Magnus Nielsen, SODAS, UCPH
Estimation of conditional average treatment effects
How to use conditional average treatment effects
Try to get an intuitive understanding of what the methods do
Main contribution of each paper in the ‘generalized random forest’ series
Denote \(T_i\) as the treatment variable
Define the potential outcomes
\[Y_i=\begin{cases} Y_i(1), & T_i=1\\ Y_i(0), & T_i=0 \end{cases}\]
The observed outcome \(Y_i\) can be written in terms of potential outcomes: \[ Y_i = Y_{i}(0) + [Y_{i}(1)-Y_{i}(0)]\cdot T_i\]

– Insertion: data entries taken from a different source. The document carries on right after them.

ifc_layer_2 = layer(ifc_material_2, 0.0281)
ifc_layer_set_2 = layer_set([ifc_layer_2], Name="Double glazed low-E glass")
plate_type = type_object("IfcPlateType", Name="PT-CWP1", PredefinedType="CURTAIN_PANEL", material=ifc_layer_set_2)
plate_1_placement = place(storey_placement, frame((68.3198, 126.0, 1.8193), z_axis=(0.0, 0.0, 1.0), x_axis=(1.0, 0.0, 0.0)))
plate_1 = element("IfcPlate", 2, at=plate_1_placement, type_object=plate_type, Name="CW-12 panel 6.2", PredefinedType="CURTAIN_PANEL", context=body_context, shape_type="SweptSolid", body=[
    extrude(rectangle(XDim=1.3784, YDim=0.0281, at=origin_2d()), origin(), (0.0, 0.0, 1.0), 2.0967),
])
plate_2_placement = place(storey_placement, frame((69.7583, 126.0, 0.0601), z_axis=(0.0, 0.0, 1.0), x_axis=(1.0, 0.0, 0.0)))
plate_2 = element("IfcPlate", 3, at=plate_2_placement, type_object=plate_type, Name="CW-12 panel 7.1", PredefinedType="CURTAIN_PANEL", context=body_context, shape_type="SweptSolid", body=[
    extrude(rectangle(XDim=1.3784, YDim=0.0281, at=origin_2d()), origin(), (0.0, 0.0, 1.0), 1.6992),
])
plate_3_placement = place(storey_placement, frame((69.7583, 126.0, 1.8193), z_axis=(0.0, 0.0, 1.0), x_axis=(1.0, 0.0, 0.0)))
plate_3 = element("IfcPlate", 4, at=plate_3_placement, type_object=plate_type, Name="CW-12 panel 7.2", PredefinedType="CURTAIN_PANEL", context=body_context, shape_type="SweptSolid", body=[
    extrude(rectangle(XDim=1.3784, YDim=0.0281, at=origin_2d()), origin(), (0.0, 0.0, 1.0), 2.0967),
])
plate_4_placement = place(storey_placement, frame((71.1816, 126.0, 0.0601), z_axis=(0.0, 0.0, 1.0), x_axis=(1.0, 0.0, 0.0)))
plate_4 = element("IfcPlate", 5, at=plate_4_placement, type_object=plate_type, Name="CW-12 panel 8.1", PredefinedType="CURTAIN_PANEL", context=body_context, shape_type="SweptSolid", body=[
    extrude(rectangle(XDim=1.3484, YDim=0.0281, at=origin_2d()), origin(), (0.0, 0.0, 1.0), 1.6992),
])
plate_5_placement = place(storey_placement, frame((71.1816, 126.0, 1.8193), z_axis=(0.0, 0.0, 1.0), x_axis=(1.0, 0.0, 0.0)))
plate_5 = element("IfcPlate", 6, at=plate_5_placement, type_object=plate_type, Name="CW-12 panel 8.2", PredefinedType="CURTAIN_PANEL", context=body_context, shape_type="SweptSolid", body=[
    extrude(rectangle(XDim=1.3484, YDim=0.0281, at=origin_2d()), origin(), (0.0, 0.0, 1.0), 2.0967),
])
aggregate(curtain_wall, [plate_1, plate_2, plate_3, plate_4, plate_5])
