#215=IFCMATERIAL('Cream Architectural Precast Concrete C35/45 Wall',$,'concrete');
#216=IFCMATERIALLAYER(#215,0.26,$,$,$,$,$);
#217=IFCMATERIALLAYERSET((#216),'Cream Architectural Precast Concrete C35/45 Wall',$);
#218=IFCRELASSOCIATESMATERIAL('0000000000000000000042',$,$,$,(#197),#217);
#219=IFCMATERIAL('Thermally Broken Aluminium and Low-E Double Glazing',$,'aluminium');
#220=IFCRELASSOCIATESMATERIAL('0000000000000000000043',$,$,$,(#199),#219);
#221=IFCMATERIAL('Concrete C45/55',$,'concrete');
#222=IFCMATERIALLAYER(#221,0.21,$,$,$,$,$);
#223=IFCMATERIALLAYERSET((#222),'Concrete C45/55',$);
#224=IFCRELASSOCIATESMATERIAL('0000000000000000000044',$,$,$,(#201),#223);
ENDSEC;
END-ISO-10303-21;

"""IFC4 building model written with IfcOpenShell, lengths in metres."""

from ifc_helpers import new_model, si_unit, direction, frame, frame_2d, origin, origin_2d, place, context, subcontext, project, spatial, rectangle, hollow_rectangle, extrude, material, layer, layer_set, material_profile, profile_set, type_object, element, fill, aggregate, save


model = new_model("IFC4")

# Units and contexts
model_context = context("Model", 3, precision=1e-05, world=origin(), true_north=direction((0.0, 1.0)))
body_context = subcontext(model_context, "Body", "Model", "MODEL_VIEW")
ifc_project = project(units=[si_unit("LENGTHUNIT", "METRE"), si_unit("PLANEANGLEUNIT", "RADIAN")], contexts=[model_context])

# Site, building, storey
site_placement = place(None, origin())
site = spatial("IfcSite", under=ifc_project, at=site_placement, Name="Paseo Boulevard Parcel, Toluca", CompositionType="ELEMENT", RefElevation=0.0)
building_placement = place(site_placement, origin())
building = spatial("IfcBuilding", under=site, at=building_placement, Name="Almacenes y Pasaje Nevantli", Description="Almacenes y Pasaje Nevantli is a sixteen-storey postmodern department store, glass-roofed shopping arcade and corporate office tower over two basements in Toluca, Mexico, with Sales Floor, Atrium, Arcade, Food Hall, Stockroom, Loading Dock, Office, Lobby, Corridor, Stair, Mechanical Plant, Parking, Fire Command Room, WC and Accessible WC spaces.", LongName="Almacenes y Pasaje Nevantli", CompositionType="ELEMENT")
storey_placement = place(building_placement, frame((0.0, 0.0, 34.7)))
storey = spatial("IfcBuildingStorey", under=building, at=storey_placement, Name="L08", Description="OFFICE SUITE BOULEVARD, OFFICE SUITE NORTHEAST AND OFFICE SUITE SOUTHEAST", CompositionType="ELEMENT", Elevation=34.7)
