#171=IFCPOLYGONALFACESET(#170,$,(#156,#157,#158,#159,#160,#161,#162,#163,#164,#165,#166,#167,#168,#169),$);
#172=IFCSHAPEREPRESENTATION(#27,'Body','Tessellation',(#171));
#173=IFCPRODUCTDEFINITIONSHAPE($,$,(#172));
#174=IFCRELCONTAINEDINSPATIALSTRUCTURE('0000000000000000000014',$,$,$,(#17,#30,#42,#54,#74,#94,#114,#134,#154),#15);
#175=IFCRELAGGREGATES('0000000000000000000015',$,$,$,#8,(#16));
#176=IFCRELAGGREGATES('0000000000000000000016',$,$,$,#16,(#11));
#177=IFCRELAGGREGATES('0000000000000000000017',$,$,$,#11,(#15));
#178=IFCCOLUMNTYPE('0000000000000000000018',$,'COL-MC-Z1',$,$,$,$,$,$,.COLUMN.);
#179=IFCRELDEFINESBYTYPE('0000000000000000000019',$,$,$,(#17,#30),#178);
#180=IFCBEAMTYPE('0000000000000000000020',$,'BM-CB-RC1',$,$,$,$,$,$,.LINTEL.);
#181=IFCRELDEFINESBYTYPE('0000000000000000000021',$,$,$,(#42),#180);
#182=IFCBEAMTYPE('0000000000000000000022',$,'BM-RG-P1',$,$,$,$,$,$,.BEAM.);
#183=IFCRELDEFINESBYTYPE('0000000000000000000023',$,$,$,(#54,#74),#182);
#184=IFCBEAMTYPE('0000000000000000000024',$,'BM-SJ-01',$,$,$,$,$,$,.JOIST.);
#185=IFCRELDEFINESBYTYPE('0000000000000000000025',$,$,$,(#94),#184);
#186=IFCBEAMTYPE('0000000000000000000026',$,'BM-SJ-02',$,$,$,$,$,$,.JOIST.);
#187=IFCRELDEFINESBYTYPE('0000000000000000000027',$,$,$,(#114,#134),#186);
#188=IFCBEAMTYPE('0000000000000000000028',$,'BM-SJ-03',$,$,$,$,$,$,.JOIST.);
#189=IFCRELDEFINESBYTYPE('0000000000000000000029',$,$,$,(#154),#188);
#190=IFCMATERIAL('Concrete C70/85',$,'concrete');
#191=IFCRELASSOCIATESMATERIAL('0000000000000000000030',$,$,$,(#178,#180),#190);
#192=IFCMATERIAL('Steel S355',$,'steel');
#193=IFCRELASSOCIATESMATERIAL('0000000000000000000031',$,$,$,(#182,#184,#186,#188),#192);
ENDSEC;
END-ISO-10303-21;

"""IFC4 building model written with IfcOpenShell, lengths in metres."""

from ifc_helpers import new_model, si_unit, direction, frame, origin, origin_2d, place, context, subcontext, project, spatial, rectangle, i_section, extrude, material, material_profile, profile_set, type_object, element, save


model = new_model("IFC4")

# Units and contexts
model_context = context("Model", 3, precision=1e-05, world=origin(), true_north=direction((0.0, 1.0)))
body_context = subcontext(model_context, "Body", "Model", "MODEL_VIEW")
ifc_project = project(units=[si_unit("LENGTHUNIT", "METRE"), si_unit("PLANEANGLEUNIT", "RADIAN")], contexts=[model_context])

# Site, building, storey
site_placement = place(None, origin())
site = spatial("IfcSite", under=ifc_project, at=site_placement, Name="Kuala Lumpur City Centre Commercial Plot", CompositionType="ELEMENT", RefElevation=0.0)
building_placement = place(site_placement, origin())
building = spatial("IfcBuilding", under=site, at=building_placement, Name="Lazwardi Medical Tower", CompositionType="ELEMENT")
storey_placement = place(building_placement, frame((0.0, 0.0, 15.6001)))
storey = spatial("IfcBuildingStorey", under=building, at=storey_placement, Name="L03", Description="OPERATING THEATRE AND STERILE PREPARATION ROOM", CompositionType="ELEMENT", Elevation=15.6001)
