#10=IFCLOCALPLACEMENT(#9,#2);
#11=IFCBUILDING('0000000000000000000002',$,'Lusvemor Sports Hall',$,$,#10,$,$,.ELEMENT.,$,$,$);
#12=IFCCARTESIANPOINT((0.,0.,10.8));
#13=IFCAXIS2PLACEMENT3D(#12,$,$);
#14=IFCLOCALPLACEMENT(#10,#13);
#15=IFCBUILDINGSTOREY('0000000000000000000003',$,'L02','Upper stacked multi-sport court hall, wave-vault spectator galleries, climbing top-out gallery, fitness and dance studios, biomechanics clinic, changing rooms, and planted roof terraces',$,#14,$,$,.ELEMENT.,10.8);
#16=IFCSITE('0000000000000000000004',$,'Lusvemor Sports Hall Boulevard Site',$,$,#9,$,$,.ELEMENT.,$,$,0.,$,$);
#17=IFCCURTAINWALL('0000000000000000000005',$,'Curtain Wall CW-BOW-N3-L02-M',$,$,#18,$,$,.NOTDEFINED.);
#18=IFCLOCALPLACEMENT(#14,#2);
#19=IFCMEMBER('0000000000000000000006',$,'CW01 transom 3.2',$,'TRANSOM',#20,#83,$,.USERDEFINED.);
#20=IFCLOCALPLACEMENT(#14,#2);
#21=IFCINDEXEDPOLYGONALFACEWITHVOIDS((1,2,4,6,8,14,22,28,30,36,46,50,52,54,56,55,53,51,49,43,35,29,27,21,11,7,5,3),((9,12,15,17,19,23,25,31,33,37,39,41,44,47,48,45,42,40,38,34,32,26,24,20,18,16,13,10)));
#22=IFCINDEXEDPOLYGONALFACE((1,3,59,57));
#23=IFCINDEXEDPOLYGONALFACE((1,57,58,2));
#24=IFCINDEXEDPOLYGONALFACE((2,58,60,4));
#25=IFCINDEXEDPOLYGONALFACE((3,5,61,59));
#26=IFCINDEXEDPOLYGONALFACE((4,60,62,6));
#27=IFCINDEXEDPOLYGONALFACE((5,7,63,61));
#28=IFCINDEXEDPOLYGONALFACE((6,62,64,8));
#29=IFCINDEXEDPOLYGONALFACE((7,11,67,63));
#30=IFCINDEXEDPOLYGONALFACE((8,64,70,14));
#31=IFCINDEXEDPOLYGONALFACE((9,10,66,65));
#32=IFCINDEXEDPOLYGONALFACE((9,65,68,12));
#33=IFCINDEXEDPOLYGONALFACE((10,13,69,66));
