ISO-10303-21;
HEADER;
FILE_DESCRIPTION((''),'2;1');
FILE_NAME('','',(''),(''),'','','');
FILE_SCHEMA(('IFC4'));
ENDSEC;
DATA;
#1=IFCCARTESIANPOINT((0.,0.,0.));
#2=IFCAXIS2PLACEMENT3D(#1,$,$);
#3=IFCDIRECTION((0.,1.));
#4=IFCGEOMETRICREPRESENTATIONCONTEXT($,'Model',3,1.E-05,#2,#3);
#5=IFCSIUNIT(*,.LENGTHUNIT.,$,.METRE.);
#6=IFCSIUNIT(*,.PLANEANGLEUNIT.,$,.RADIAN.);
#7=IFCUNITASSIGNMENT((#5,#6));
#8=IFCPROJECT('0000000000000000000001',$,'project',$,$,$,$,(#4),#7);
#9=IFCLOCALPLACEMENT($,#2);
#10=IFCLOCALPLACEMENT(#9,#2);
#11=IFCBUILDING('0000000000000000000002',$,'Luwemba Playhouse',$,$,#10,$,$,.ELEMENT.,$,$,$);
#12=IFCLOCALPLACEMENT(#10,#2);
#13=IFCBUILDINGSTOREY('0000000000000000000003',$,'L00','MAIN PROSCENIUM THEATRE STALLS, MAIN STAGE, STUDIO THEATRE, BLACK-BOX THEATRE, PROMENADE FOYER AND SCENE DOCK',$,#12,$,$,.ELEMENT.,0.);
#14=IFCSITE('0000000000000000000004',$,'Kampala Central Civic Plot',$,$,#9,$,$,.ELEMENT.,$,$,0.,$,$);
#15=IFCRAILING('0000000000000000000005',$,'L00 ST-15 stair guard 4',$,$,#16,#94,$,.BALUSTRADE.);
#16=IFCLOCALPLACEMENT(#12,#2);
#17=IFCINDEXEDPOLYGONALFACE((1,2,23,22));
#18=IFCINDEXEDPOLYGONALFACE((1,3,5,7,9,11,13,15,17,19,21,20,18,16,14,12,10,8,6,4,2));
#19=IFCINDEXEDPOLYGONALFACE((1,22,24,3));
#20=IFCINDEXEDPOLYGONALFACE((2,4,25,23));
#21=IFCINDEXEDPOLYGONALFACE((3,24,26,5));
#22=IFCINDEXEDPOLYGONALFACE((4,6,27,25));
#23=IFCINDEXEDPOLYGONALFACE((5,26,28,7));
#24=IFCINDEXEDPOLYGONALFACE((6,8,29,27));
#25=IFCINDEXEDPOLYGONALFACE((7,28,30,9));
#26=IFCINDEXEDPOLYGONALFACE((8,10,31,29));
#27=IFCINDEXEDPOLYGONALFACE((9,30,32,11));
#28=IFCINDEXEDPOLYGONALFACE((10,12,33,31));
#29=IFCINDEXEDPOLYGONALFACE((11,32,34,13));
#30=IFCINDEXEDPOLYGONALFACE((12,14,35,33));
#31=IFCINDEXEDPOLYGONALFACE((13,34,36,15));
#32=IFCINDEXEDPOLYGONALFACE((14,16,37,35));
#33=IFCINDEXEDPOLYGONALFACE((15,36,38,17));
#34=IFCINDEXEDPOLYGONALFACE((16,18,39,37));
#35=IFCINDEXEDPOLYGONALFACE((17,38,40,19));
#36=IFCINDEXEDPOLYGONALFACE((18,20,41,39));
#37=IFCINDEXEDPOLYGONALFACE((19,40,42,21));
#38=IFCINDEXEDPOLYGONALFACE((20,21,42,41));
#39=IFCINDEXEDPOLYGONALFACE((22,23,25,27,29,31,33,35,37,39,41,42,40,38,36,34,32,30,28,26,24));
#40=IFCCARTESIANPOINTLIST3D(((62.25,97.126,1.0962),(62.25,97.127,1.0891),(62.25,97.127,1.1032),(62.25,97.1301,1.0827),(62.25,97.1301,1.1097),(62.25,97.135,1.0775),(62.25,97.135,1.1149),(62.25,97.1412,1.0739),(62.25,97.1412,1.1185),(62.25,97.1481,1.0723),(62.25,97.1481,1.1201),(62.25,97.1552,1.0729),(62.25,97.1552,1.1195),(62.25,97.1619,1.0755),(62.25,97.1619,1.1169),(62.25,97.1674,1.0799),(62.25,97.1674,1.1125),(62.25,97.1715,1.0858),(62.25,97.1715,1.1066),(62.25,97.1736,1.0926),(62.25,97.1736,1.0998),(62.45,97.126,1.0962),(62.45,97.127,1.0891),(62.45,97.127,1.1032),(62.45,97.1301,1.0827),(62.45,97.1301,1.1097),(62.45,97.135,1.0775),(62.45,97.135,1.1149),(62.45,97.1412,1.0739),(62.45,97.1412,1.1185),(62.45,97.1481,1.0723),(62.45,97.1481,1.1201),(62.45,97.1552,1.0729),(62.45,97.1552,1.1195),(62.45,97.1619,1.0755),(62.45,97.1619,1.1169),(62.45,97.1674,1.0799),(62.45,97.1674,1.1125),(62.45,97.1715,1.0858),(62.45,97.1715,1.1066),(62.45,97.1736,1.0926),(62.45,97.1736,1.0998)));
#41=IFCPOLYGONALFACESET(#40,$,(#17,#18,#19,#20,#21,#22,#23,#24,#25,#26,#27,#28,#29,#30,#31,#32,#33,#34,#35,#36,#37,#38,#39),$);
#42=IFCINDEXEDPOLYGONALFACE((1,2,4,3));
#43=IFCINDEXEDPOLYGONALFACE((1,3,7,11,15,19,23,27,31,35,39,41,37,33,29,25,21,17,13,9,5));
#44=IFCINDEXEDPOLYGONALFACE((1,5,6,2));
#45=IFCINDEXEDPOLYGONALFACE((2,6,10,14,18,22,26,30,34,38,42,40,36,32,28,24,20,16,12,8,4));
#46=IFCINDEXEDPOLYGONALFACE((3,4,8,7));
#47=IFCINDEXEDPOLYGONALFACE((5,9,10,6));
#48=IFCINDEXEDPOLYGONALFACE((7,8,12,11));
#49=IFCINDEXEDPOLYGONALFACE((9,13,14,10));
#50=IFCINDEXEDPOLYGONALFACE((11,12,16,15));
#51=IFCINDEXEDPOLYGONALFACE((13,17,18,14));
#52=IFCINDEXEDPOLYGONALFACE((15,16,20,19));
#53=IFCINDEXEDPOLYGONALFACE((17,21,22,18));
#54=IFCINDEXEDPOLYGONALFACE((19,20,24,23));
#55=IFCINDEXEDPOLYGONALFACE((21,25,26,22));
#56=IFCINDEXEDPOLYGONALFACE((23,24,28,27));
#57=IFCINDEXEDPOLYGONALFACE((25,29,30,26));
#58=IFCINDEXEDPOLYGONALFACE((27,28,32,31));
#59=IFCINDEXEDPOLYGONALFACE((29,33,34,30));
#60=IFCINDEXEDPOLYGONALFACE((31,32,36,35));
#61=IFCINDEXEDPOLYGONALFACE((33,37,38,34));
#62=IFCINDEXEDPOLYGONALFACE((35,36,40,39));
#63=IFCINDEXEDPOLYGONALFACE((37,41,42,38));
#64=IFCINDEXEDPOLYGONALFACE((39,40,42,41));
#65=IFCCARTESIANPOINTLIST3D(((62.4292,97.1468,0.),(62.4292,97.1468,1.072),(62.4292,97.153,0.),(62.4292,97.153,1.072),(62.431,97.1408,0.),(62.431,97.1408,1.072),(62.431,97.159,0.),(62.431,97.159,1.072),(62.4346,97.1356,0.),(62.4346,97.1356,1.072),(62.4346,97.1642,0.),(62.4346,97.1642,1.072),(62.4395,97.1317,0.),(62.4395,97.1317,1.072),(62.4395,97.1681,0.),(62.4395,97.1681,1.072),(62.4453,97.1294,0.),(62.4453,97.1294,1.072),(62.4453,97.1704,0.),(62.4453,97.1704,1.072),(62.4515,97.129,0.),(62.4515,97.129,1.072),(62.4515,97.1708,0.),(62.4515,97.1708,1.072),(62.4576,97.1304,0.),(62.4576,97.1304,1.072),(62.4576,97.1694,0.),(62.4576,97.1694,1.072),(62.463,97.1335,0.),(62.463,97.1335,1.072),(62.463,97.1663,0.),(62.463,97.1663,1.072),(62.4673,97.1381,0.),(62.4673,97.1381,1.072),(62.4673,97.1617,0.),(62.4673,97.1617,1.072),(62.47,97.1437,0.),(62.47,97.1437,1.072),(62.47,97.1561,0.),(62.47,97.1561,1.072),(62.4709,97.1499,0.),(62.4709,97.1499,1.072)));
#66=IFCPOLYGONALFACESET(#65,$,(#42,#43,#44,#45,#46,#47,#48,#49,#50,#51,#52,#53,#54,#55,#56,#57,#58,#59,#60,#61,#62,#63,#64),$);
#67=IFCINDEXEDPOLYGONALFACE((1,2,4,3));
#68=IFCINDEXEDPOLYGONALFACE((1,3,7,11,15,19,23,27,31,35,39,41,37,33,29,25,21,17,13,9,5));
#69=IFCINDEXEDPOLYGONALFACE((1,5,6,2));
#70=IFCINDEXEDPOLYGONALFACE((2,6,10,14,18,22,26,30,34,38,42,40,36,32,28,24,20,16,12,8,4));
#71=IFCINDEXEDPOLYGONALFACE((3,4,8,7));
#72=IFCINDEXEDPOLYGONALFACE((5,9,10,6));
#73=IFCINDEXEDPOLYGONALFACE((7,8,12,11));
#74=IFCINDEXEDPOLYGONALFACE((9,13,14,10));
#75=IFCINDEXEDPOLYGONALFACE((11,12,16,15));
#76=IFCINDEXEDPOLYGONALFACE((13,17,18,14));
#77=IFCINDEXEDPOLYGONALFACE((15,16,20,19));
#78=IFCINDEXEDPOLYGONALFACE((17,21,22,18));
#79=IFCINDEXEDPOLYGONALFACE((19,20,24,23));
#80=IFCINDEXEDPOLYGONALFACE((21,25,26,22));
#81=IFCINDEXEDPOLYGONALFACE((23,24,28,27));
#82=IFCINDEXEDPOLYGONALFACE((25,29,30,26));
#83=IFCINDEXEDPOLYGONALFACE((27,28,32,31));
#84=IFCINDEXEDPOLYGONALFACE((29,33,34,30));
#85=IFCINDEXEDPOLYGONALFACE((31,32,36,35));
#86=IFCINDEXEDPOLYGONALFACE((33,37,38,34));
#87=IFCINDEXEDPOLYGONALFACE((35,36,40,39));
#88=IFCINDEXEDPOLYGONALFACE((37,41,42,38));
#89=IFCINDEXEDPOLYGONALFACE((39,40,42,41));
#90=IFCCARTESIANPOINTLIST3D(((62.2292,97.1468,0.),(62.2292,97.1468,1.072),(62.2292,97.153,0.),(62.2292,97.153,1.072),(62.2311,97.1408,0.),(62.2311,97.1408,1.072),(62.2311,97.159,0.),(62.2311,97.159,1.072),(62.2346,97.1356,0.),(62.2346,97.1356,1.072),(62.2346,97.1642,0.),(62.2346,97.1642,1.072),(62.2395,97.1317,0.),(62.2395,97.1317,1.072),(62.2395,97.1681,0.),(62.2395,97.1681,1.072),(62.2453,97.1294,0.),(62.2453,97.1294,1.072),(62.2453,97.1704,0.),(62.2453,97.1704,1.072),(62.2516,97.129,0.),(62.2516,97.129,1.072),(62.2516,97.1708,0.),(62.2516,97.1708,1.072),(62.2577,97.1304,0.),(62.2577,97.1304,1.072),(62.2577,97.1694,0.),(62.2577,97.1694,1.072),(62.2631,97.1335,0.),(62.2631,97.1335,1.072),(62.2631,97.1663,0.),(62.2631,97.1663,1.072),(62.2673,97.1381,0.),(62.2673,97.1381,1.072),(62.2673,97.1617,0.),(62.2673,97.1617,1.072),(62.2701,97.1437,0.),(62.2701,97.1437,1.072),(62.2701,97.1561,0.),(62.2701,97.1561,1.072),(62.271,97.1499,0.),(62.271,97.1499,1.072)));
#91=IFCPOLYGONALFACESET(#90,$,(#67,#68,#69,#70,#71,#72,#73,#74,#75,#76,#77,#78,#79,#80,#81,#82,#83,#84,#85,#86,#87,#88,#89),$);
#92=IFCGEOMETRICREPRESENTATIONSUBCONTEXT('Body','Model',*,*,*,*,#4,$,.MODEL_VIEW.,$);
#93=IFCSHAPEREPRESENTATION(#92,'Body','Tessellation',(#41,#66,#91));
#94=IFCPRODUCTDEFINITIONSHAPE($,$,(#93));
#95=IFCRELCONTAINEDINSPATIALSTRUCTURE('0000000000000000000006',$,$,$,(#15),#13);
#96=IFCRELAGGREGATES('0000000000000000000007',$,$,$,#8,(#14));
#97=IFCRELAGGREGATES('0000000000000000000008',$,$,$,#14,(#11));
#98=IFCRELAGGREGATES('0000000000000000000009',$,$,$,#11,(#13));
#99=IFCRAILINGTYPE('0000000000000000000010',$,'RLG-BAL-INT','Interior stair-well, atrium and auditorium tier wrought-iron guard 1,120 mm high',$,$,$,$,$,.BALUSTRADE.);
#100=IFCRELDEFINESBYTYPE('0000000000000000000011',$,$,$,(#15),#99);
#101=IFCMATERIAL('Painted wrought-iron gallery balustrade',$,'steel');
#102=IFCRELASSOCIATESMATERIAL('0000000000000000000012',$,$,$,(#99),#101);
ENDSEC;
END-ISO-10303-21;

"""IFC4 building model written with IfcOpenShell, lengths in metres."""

from ifc_helpers import new_model, si_unit, direction, frame, origin, origin_2d, place, context, subcontext, project, spatial, circle, extrude, material, type_object, element, save


model = new_model("IFC4")

# Units and contexts
model_context = context("Model", 3, precision=1e-05, world=origin(), true_north=direction((0.0, 1.0)))
body_context = subcontext(model_context, "Body", "Model", "MODEL_VIEW")
ifc_project = project(units=[si_unit("LENGTHUNIT", "METRE"), si_unit("PLANEANGLEUNIT", "RADIAN")], contexts=[model_context])

# Site, building, storey
site_placement = place(None, origin())
site = spatial("IfcSite", under=ifc_project, at=site_placement, Name="Kampala Central Civic Plot", CompositionType="ELEMENT", RefElevation=0.0)
building_placement = place(site_placement, origin())
building = spatial("IfcBuilding", under=site, at=building_placement, Name="Luwemba Playhouse", CompositionType="ELEMENT")
storey_placement = place(building_placement, origin())
storey = spatial("IfcBuildingStorey", under=building, at=storey_placement, Name="L00", Description="MAIN PROSCENIUM THEATRE STALLS, MAIN STAGE, STUDIO THEATRE, BLACK-BOX THEATRE, PROMENADE FOYER AND SCENE DOCK", CompositionType="ELEMENT", Elevation=0.0)

# Railing
ifc_material_1 = material(Name="Painted wrought-iron gallery balustrade", Category="steel")
railing_type_1 = type_object("IfcRailingType", Name="RLG-BAL-INT", Description="Interior stair-well, atrium and auditorium tier wrought-iron guard 1,120 mm high", PredefinedType="BALUSTRADE", material=ifc_material_1)
railing_1_placement = place(storey_placement, frame((62.45, 97.1499, 0.0)))
element("IfcRailing", 1, at=railing_1_placement, inside=storey, type_object=railing_type_1, Name="L00 ST-15 stair guard 4", PredefinedType="BALUSTRADE", context=body_context, shape_type="SweptSolid", body=[
    extrude(circle(Radius=0.0239, at=origin_2d()), frame((0.0, 0.0, 1.0962), z_axis=(-1.0, 0.0, 0.0), x_axis=(0.0, -1.0, 0.0)), (0.0, 0.0, 1.0), 0.2),
    extrude(circle(Radius=0.021, at=origin_2d()), origin(), (0.0, 0.0, 1.0), 1.072),
    extrude(circle(Radius=0.021, at=origin_2d()), frame((-0.2, 0.0, 0.0)), (0.0, 0.0, 1.0), 1.072),
])

save(model, "model.ifc")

\(Y_{i}(1)-Y_{i}(0)\) is the causal effect of \(T_i\) on \(Y_i\)
We never observe the same individual \(i\) in both states
We need some way of estimating the state we do not observe (the counterfactual)
Perhaps we can do a naive comparison by treatment status?
\[\tau = E[Y_i|T_i = 1] - E[Y_i|T_i = 0]\]
Utilizing that
\[Y_i = Y_{i}(0) + [Y_{i}(1)-Y_{i}(0)] \cdot T_i\]
We get the following
\[ \begin{align} \nonumber E[Y_i|T_i = 1] - E[Y_i|T_i = 0] = &E[Y_i(1)|T_i = 1] - E[Y_i(0)|T_i = 1] + \\ \nonumber &E[Y_i(0)|T_i = 1] - E[Y_i(0)|T_i = 0] \end{align} \]
The average causal effect of \(T_i\) on \(Y\)
\[E[Y_i(1)|T_i = 1] - E[Y_i(0)|T_i = 1] = E[Y_i(1) - Y_i(0)|T_i = 1]\]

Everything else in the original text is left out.